Recently at a family get together, my niece who has a great sense of humor which borders morbid at times, excitedly narrated an incident. She took it on herself to renew her driver’s license without greasing any palm and refused outright to take her husband’s help. More than to anyone else, probably she wanted to prove it to herself that things are changing. She even went out of her way to dress up so that her picture on the license for once doesn’t look like a mug shot. Of course that was wishful thinking and her picture did come out like…well, a mug shot! In any case, she stood her ground despite most people bypassing her, she having to shout at the top of her voice and touts constantly coaxing her with “madam, we can get your job done in a matter of minutes”. Her story ended with her decision to bury her recently awakened conscience; however, it set me thinking.
Just a few days prior when I landed in Delhi, someone almost hit me on my head trying to take his luggage out even before the flight had come to a halt. He wasn’t the only one doing that of course! And everyone had switched on their phones and looking for signal even before the cabin crew had announced that we are allowed to switch on our ‘mobile devices’. That is like running in a car to get to your destination faster!

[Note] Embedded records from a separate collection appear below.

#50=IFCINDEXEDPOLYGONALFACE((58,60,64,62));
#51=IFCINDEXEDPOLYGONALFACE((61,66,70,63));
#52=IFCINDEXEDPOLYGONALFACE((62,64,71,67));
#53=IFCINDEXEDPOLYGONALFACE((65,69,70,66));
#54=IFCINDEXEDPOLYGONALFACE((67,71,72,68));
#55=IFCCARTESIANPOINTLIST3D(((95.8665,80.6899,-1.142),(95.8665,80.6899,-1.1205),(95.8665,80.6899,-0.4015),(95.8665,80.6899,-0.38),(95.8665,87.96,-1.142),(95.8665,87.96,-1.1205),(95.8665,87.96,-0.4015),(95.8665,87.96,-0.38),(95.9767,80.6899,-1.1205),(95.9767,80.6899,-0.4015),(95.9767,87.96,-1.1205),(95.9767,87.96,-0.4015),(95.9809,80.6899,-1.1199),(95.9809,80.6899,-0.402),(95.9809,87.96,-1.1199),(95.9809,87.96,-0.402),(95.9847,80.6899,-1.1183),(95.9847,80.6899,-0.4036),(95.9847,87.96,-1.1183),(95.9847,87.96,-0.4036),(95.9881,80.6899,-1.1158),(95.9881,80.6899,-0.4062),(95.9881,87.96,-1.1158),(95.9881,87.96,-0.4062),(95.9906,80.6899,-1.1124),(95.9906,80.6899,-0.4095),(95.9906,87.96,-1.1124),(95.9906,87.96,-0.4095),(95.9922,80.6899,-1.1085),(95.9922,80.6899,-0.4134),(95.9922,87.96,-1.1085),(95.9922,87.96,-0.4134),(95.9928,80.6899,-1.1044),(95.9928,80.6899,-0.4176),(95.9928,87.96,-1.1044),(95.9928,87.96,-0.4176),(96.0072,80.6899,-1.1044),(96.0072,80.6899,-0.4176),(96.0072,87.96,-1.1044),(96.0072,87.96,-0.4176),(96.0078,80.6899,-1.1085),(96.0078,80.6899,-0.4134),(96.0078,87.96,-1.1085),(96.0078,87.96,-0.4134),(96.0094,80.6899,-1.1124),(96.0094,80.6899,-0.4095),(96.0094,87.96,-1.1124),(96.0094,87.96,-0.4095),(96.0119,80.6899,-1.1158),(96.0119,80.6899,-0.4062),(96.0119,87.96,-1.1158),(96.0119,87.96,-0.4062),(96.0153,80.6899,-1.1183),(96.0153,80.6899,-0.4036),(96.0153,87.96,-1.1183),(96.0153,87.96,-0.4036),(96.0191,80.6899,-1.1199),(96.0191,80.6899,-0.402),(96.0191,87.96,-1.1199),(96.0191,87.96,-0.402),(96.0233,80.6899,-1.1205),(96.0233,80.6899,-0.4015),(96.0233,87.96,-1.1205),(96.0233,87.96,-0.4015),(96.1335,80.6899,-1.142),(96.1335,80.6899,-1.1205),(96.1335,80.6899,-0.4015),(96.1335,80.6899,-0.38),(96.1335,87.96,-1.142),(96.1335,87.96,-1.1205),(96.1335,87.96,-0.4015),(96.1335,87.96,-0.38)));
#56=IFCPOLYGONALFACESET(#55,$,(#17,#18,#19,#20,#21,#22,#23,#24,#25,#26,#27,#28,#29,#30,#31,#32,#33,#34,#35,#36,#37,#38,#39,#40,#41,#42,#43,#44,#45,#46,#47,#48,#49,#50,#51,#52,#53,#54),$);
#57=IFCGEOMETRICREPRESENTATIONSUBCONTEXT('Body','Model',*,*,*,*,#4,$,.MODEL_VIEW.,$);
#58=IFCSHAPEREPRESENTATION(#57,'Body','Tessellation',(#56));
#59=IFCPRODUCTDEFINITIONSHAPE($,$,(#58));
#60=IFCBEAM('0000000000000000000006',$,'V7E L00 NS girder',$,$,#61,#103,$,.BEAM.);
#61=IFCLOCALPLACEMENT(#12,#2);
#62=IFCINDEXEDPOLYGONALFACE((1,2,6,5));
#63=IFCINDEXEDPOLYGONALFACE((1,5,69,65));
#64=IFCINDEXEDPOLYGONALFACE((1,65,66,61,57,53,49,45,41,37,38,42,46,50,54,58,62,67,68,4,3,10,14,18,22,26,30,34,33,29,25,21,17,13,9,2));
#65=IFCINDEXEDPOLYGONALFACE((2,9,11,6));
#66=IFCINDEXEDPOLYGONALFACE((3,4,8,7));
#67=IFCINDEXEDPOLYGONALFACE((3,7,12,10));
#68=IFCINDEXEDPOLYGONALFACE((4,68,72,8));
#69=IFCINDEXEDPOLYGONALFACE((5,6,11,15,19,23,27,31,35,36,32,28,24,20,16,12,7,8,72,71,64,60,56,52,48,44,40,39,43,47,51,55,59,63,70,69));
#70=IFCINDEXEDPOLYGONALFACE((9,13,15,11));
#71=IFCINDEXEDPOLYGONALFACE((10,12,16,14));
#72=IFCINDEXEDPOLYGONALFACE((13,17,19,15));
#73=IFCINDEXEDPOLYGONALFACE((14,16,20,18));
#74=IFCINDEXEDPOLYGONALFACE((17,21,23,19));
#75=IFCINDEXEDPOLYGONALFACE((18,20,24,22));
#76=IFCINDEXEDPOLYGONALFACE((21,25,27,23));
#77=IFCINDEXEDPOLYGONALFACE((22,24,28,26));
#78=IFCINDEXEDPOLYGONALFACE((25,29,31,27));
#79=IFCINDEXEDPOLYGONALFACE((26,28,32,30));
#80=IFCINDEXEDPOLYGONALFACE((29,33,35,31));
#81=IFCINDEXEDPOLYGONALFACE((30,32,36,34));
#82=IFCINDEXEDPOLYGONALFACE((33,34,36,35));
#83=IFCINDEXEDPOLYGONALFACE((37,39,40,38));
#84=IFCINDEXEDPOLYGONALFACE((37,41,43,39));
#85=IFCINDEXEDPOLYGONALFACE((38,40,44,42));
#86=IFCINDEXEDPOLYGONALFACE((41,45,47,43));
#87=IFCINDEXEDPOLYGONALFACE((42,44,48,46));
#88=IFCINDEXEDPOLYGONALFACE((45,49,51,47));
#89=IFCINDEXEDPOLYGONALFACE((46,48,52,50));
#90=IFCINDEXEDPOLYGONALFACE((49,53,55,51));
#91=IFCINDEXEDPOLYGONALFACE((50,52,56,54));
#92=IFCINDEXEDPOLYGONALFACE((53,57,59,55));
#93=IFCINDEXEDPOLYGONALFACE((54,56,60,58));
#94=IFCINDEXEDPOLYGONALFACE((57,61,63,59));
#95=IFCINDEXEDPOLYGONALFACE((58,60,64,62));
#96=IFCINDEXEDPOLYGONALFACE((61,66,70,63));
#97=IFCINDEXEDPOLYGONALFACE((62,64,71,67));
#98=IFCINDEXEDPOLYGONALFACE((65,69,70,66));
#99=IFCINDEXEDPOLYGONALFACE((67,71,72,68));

It’s funny how even though the procedure for applying a passport has been simplified yet our first question before applying/renewing is, “Do you know anyone who can get it done?”. It’s so deep rooted that we try to use “approach” for “preferential treatment” even while paying an arm and leg for 5 star health care.
And even though I’m no behavioral economist, that’s when I saw a pattern emerge. However, bizarre the act may seem to appear, that such behaviour in itself is only a symptom and not the real problem. And that “problem” simply put – is scarcity. And it’s not about who specifically is in that situation either, put anyone in that situation and the behavior would be bordering irrational.
Let’s take another example, deadlines and scarcity of time, often increase motivation and concentration. But usually we pay a price for that amplified focus: anything that falls outside the scope of that time-limited task gets ignored or put off to a later date and might also lead to making more mistakes.
And the book, Scarcity: Why having too little means so much, explains it quite well, “Scarcity creates a mindset that perpetuates scarcity. The scarcity mindset, in contrast, is a contextual outcome, more open to remedies. Rather than a personal trait, it is the outcome of environmental conditions brought on by scarcity itself, conditions that can often be managed. The more we understand the dynamics of how scarcity works upon the human mind, the more likely we can find ways to avoid or at least alleviate the scarcity trap.”